Participants in the Solicitation

HMAC and Able View and their respective directors and executive officers may be considered participants in the solicitation of proxies with respect to the proposed transaction described in this press release under the rules of the SEC. Information about the directors and executive officers of HMAC is set forth in the final prospectus of HMAC, dated as of August 10, 2022, and filed with the SEC (File No. 333-261340) on August 12, 2022, and is available free of charge at the SEC’s website at www.sec.gov or by directing a request to: Hainan Manaslu Acquisition Corp., B3406, 34F, West Tower, Block B, Guorui Building, 11 Guoxing Avenue, Haikou, Hainan Province, People’s Republic of China 570203. Information regarding the persons who may, under the rules of the SEC, be deemed participants in the solicitation of the HMAC shareholders in connection with the proposed Transaction will be set forth in the registration statement containing the proxy statement/prospectus on Form F-4 to be filed by Able View Global Inc. with respect to the proposed Transaction when it is filed with the SEC. These documents can be obtained free of charge from the sources indicated herein.

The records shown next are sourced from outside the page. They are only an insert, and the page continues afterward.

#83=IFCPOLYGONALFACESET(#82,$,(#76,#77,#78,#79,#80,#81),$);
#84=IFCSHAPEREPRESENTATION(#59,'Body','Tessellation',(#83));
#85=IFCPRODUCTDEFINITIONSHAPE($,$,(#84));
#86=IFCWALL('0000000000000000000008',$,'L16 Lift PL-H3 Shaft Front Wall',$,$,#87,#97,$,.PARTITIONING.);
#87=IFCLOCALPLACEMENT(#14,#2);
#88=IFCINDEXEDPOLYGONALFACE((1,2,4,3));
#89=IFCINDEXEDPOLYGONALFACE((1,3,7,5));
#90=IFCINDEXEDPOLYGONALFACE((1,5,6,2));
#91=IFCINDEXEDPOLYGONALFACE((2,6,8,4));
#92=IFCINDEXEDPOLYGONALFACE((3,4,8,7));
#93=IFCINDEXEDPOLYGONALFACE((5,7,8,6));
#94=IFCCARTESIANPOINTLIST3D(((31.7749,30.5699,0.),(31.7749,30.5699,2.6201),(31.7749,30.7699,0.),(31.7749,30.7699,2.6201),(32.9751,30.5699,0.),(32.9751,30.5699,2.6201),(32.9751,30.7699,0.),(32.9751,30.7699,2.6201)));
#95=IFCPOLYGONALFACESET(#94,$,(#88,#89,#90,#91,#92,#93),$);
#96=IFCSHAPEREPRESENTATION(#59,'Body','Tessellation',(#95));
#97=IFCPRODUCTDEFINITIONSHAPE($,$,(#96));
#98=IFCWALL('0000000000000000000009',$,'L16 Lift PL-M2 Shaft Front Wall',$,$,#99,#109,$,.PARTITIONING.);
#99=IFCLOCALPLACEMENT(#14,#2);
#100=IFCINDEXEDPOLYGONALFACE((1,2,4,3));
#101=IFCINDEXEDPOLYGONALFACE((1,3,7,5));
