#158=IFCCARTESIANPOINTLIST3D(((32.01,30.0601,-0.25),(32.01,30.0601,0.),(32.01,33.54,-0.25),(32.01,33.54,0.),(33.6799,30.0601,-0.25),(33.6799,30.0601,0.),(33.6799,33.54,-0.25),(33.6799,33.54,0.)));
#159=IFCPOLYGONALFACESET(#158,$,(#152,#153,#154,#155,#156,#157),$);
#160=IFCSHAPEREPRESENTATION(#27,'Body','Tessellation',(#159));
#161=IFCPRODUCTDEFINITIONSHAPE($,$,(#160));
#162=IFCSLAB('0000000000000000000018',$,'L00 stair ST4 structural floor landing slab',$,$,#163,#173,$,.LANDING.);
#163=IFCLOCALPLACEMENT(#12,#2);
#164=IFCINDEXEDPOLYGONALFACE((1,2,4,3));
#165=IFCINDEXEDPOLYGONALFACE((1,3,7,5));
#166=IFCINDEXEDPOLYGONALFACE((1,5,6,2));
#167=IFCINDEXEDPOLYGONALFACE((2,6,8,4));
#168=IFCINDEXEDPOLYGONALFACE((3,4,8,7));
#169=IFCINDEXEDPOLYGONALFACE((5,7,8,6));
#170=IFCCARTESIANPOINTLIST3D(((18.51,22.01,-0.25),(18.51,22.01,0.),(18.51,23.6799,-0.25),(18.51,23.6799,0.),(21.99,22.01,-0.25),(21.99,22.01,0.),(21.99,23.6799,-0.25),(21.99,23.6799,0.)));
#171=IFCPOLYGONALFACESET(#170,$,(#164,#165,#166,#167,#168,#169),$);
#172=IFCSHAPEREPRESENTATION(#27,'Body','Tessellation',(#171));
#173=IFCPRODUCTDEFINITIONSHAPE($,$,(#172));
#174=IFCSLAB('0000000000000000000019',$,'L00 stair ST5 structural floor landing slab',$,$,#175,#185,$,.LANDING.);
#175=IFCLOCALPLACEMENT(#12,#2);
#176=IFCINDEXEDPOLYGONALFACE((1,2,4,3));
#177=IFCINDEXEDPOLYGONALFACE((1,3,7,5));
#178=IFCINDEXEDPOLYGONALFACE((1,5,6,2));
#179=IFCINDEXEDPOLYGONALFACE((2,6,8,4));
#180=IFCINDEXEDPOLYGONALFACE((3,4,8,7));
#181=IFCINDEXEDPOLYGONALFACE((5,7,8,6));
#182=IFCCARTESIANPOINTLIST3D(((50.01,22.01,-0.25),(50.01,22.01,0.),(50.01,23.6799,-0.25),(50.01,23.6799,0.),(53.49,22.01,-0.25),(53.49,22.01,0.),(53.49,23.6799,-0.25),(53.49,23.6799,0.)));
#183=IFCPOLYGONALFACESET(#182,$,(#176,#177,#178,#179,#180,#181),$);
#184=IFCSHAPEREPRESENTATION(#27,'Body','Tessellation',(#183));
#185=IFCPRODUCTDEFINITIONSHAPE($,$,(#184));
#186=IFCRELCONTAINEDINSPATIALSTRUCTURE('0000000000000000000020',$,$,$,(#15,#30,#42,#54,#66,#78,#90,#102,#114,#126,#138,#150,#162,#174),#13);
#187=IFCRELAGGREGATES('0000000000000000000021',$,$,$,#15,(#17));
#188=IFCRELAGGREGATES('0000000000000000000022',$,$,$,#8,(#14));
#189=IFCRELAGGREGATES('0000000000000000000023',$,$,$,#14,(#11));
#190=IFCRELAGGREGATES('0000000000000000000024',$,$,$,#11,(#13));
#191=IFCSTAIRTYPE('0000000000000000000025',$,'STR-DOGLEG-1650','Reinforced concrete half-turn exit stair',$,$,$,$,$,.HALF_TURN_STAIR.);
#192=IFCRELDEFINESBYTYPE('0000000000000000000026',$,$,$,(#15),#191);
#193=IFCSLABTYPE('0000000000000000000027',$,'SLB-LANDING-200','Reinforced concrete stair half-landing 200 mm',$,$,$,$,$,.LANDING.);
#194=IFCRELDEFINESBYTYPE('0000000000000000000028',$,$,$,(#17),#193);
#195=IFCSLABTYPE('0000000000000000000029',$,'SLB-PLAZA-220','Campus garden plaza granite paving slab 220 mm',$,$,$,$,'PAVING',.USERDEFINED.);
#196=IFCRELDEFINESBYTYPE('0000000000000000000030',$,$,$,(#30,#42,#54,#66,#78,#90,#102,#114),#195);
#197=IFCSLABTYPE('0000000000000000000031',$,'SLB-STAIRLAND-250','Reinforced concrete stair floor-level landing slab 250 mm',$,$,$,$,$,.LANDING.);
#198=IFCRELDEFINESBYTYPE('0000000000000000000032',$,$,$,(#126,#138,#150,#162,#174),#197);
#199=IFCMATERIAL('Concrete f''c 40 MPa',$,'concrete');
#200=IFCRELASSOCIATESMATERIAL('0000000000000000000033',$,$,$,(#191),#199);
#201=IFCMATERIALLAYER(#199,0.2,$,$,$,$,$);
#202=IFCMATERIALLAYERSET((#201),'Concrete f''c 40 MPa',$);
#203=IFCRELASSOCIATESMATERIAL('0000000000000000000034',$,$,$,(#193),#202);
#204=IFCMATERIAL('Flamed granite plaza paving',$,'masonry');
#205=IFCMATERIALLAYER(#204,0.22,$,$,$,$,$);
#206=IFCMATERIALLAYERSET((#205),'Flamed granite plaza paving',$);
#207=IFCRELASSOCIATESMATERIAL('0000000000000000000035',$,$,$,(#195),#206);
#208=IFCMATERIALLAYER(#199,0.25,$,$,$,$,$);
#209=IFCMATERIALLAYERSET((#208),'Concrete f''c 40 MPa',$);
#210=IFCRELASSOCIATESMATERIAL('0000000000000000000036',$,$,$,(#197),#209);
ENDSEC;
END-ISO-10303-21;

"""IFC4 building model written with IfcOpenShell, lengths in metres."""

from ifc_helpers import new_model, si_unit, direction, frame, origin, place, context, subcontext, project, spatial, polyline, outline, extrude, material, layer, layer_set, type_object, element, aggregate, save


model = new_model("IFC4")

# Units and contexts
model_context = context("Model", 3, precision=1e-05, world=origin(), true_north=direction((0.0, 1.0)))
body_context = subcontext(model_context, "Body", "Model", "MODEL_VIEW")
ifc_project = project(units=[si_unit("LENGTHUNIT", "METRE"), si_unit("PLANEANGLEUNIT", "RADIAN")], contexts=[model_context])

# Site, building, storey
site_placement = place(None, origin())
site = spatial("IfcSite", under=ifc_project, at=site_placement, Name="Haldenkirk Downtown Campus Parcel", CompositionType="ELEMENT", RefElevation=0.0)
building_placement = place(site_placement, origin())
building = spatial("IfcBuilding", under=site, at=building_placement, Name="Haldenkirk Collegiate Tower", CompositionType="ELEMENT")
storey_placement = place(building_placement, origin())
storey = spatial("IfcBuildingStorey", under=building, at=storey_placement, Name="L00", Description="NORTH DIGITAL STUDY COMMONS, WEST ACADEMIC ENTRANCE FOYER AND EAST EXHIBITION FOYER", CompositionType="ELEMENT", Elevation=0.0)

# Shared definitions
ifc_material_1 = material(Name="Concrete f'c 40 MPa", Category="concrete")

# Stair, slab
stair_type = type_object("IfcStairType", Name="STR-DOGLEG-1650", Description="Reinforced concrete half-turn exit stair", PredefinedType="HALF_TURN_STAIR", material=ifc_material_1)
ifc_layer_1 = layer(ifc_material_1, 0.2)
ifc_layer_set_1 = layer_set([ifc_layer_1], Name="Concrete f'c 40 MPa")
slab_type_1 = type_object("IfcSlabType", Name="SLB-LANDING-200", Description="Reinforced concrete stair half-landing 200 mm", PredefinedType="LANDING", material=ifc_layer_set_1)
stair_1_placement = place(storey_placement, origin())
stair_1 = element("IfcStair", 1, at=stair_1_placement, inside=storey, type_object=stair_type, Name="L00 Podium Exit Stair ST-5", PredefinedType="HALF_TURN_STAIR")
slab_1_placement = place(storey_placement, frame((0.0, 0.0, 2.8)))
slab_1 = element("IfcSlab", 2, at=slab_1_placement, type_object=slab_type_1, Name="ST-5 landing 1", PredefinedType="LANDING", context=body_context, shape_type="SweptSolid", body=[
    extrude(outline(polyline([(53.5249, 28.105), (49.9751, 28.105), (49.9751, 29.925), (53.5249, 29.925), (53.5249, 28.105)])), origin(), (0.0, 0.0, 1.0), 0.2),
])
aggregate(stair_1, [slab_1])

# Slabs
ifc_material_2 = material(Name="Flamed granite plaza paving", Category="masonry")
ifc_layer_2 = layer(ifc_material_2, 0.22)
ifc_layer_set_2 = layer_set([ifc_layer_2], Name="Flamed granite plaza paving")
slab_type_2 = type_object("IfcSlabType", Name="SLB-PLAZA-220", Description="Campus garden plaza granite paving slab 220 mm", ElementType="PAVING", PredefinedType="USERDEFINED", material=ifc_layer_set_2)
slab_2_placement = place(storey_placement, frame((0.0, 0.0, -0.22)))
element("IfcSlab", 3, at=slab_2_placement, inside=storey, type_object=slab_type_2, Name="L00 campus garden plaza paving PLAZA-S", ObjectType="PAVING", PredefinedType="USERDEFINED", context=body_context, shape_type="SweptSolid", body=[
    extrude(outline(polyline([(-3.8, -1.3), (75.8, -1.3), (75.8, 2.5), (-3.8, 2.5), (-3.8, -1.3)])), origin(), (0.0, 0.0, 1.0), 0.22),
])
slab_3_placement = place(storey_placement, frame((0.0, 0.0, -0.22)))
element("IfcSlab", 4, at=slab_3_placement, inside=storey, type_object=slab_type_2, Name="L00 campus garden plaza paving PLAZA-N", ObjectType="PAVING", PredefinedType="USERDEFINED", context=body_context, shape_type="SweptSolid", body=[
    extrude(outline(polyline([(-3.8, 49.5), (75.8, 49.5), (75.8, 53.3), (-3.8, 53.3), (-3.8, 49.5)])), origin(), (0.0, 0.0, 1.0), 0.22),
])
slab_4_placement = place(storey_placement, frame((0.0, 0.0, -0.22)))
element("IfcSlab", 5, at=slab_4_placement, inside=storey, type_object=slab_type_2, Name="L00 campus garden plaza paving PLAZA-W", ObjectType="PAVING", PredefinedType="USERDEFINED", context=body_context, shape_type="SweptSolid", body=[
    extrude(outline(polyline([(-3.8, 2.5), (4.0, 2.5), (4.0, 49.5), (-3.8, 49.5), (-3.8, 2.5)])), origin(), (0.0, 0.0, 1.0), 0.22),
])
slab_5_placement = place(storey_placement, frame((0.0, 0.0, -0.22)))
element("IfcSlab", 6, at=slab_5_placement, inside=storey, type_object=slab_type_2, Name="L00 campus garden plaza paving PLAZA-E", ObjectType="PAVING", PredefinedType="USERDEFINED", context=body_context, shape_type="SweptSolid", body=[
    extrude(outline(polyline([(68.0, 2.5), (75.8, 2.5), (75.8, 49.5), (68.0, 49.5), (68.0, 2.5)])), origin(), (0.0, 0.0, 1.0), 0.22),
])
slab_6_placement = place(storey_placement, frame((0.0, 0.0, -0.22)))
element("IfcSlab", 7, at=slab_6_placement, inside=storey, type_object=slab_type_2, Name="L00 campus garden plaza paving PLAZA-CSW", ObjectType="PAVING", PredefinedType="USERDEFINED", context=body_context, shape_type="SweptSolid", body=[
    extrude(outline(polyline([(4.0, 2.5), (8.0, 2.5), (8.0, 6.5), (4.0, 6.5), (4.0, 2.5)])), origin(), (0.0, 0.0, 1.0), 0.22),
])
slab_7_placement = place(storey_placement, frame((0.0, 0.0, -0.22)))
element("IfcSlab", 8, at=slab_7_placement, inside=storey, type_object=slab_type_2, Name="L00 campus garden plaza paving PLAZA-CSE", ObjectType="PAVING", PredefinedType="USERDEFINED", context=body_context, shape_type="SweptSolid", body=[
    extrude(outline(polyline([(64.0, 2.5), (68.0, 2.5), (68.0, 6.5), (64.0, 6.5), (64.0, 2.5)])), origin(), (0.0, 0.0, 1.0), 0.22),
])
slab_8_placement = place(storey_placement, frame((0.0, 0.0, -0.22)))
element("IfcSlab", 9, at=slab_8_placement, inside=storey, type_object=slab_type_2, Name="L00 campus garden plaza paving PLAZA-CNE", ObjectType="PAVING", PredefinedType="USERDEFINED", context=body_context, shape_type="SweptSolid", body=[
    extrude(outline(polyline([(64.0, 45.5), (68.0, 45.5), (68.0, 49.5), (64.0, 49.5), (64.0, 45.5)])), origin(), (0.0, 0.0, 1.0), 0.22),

Important Information About the Transaction and Where to Find It

This press release relates to a proposed Transaction between HMAC and Able View. This press release does not constitute an offer to sell or exchange, or the solicitation of an offer to buy or exchange, any securities, nor shall there be any sale of securities in any jurisdiction in which such offer, sale or exchange would be unlawful prior to registration or qualification under the securities laws of any such jurisdiction. In connection with the Transaction described herein, HMAC and Able View intend to file relevant materials with the SEC, including a registration statement on Form F-4 to be filed by Able View Global Inc., which will include a proxy statement/prospectus. Security holders are encouraged to carefully review such information, including the risk factors and other disclosures therein. The proxy statement/prospectus will be sent to all shareholders of HMAC. HMAC and Able View Global Inc. will also file other documents regarding the proposed Transaction with the SEC. Before making any voting or investment decision, investors and security holders of HMAC are urged to read the registration statement, the proxy statement/prospectus and all other relevant documents filed or that will be filed with the SEC in connection with the proposed transaction as they become available because they will contain important information about the proposed Transaction.

Non-Solicitation

This press release does not constitute, and should not be construed to be, a proxy statement or the solicitation of a proxy, consent or authorization with respect to any securities or in respect of the proposed business combination described herein and shall not constitute an offer to sell or a solicitation of an offer to buy any securities nor shall there be any sale of securities in any state or jurisdiction in which such offer, solicitation or sale would be unlawful prior to registration or qualification under the securities laws of any such state or jurisdiction. No offer of securities shall be made except by means of a prospectus meeting the requirements of the U.S. Securities Act of 1933, as amended.